The only checks that are made for now is for attribute values. Attribute with values that are unquoted are flagged if either the Pedagogical or Polyglot profile is selected. Additionally, attributes without values at all will be flagged if Polyglot is selected. To see this live look for nowrap in the output for google.com.
What the UI should look like, and what checks should be made are all open for discussion. Neither the coding nor the deployment is an issue, what is needed is somebody to step up and to decide what profile(s) they feel are needed, and what checks should be made in that profile. I find such discussions to be time sinks, one that I can ill afford at the present time.
If people want me to continue to contribute via coding, this input needs to be in the form of test cases. HTML vs XHTML is an excellent source for ideas. I intend to support any and all sincere efforts at defining a profile.
You most probably meant “nowrap” instead of “nowarn” ;-)
I have been trying to make HTML5 better for education by participating in the HTML5 effort at WHATWG for a few years.
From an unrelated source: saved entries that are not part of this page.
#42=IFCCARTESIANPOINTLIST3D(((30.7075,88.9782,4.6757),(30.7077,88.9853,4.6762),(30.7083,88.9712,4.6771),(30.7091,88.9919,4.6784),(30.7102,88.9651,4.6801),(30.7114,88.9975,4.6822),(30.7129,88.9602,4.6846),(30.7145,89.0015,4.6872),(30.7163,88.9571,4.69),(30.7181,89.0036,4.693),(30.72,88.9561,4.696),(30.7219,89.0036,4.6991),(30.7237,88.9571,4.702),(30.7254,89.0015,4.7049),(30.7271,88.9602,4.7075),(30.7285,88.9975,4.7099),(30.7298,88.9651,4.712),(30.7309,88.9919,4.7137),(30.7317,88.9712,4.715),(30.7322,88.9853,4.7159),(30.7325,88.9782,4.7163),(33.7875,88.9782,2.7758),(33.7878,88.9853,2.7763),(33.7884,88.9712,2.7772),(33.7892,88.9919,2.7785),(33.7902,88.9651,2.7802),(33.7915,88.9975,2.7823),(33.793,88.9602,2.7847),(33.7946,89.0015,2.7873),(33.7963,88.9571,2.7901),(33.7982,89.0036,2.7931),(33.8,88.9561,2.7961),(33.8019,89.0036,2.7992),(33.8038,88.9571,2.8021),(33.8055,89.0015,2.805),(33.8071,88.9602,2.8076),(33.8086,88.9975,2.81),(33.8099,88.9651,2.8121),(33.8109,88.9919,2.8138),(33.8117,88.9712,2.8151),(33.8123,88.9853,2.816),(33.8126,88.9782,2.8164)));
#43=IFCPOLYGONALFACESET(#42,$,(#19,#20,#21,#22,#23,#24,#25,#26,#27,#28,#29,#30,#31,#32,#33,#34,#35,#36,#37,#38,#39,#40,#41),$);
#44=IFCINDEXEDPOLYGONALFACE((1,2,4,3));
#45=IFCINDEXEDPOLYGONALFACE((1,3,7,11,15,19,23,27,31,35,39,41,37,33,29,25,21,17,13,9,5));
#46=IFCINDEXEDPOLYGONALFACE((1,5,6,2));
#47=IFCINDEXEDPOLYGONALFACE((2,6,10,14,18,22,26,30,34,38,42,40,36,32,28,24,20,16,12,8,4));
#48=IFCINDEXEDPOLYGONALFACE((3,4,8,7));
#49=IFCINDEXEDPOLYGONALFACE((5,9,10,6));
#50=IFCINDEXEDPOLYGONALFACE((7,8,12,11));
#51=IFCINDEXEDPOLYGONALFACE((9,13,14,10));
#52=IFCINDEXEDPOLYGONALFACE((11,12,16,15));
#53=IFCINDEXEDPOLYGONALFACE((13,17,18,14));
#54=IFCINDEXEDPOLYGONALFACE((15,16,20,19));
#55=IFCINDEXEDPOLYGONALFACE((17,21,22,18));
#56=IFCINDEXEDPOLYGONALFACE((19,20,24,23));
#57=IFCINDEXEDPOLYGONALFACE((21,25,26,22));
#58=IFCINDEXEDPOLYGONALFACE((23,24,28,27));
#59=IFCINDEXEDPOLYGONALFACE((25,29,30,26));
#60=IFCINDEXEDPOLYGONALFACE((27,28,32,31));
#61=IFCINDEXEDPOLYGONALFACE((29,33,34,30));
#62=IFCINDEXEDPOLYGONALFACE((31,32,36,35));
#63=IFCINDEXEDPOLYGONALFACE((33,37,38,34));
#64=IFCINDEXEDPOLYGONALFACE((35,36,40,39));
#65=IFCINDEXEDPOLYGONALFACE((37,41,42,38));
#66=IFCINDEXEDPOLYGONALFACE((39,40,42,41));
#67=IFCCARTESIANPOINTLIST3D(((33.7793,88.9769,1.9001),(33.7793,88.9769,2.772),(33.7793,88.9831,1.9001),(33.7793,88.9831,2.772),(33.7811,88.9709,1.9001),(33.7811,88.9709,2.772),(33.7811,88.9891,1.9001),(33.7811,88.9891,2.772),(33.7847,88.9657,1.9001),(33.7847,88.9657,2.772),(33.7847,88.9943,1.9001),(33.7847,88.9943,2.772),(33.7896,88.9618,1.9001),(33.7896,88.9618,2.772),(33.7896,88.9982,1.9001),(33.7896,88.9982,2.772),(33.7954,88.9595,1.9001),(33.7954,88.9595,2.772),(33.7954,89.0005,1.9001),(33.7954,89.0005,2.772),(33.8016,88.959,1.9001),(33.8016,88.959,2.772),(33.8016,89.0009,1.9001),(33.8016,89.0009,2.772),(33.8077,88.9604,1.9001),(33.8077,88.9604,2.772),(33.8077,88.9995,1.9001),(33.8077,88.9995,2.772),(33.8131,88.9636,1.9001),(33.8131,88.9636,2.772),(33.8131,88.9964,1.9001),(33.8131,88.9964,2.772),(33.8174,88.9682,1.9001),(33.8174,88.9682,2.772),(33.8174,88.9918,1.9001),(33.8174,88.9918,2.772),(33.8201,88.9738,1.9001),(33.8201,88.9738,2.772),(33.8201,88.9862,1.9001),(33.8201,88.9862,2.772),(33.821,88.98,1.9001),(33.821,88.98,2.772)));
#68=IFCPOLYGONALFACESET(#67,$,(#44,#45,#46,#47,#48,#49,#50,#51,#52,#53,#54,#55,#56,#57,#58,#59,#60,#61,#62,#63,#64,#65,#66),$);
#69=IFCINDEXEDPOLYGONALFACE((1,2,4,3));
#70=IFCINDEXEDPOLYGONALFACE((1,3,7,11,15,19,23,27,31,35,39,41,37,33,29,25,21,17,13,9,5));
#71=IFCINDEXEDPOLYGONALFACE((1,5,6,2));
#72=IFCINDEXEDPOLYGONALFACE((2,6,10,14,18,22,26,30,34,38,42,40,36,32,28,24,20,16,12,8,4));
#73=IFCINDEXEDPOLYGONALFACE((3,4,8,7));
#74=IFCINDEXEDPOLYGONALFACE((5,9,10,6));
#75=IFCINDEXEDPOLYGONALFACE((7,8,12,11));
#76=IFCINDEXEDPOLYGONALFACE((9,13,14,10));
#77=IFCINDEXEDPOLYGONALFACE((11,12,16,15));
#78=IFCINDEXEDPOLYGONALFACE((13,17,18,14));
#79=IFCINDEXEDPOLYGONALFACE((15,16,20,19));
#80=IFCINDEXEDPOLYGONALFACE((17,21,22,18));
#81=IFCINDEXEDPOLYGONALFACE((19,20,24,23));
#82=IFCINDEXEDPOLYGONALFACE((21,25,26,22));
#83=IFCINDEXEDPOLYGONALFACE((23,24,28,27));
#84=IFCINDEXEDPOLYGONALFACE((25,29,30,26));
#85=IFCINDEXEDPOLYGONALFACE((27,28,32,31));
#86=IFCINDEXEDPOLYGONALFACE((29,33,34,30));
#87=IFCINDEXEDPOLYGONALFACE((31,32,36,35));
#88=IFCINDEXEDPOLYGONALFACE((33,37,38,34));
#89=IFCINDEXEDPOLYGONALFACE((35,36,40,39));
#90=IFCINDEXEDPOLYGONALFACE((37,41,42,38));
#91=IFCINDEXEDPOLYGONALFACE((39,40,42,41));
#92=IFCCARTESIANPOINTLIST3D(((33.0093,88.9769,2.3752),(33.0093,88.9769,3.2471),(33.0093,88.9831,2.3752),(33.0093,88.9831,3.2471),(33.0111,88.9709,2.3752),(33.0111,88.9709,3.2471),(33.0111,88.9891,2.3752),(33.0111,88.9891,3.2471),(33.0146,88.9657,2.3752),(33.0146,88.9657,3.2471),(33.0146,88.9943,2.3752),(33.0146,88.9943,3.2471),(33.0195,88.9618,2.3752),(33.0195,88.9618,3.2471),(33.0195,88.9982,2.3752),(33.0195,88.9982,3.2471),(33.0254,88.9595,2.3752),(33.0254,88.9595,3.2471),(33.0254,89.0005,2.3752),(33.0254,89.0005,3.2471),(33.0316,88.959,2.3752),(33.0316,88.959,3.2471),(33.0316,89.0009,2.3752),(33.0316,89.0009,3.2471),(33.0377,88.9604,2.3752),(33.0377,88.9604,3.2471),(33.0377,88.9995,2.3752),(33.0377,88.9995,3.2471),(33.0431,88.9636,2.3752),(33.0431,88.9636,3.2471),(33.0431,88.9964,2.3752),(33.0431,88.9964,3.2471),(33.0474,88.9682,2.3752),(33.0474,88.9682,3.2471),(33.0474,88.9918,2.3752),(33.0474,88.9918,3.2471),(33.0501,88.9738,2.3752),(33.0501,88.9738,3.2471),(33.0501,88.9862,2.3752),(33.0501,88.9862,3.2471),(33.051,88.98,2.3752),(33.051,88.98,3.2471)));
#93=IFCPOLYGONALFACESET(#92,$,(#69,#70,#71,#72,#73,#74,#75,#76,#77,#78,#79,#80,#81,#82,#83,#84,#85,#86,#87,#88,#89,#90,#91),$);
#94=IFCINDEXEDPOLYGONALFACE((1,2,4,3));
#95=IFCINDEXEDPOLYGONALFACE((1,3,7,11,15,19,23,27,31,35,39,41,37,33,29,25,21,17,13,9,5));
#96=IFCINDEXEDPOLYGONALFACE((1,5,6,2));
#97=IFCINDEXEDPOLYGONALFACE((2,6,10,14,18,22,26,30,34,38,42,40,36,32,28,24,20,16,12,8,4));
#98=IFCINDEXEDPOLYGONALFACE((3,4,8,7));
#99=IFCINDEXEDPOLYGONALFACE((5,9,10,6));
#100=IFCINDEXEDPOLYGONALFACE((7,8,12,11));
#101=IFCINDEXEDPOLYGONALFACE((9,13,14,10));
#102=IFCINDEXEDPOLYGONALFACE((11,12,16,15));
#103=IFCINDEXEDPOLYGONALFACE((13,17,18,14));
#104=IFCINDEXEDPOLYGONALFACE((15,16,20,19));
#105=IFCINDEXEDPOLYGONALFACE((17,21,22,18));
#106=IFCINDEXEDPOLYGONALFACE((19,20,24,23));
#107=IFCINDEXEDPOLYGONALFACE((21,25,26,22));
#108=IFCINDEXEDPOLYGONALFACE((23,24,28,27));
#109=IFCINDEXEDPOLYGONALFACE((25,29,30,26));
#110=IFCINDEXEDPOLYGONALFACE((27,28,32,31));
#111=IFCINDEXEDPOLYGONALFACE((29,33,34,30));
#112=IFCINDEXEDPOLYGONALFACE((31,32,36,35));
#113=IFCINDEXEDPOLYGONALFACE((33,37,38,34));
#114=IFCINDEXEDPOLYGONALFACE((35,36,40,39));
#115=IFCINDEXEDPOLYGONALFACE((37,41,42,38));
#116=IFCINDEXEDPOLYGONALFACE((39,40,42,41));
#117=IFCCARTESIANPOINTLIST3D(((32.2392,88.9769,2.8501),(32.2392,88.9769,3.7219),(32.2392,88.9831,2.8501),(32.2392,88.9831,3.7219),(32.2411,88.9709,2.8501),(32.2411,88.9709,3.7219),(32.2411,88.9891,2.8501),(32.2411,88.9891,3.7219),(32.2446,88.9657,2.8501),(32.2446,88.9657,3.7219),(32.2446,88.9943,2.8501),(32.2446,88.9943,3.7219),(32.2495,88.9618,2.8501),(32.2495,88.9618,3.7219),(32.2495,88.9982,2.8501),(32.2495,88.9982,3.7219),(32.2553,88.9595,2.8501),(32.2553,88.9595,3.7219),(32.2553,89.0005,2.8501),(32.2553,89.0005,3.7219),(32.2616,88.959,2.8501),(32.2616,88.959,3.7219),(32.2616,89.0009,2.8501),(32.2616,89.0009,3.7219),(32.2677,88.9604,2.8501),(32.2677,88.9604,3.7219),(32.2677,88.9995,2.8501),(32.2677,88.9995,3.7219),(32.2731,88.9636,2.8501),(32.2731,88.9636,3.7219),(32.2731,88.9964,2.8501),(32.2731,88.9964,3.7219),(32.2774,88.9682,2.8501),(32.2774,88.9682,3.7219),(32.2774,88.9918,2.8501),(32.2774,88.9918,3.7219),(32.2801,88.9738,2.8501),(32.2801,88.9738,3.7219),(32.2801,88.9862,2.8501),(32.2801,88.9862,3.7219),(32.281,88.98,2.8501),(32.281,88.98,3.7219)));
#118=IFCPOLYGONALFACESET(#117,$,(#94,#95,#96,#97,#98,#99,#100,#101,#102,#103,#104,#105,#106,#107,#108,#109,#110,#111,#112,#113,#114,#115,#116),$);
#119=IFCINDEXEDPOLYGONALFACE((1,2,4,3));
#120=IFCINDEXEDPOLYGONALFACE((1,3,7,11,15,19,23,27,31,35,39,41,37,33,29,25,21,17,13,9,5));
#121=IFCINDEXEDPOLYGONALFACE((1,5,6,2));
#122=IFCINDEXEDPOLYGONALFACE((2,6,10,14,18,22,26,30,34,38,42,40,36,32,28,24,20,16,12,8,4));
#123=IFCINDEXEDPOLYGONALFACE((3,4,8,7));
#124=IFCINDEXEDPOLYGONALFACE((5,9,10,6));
Recently also joined the W3C HTML5 Working Group . One of the things that might come out of this effort is an option in the HTML5...
I guess Pedagogical would also be suitable for debugging purposes.
I think Pedagogical should include warning for all optional tags except for tbody and colgroup (maybe warn if just one of start and end is included); it should warn about any unquoted attribute values. I think nothing else should be added to this profile.
Polyglot needs to be complete in order to be useful for its intended purpose. I think the list is, in addition to Pedagogial:
- No minimized attributes
- Need xml:lang when lang is present.
- Need xmlns on root
- Need xmlns on all HTML elements whose parent is not an HTML element
- Need xmlns on svg and math elements
- Need xmlns:xlink in scope for any xlink:foo attributes
- Either: <script>/<style> does not contain any “<” or “&” or “]]>”, or: script/style is CDATA-section-escaped. For <script>, the first non-whitespace line needs to match (a):
...and the last non-whitespace line
where the sting “]]>” does not appear in between.
For <style>, it’s the same as above but without (a) and (c).
- No form feed (including in NCR)
- The “DOCTYPE” part in the doctype needs to be all-uppercase
- The “SYSTEM” part of the compat doctype needs to be all-uppercase
- The “PUBLIC” part of the legacy doctypes needs to be in all-uppercase
- The HTML4 doctypes cannot be used (though they already emit a warning)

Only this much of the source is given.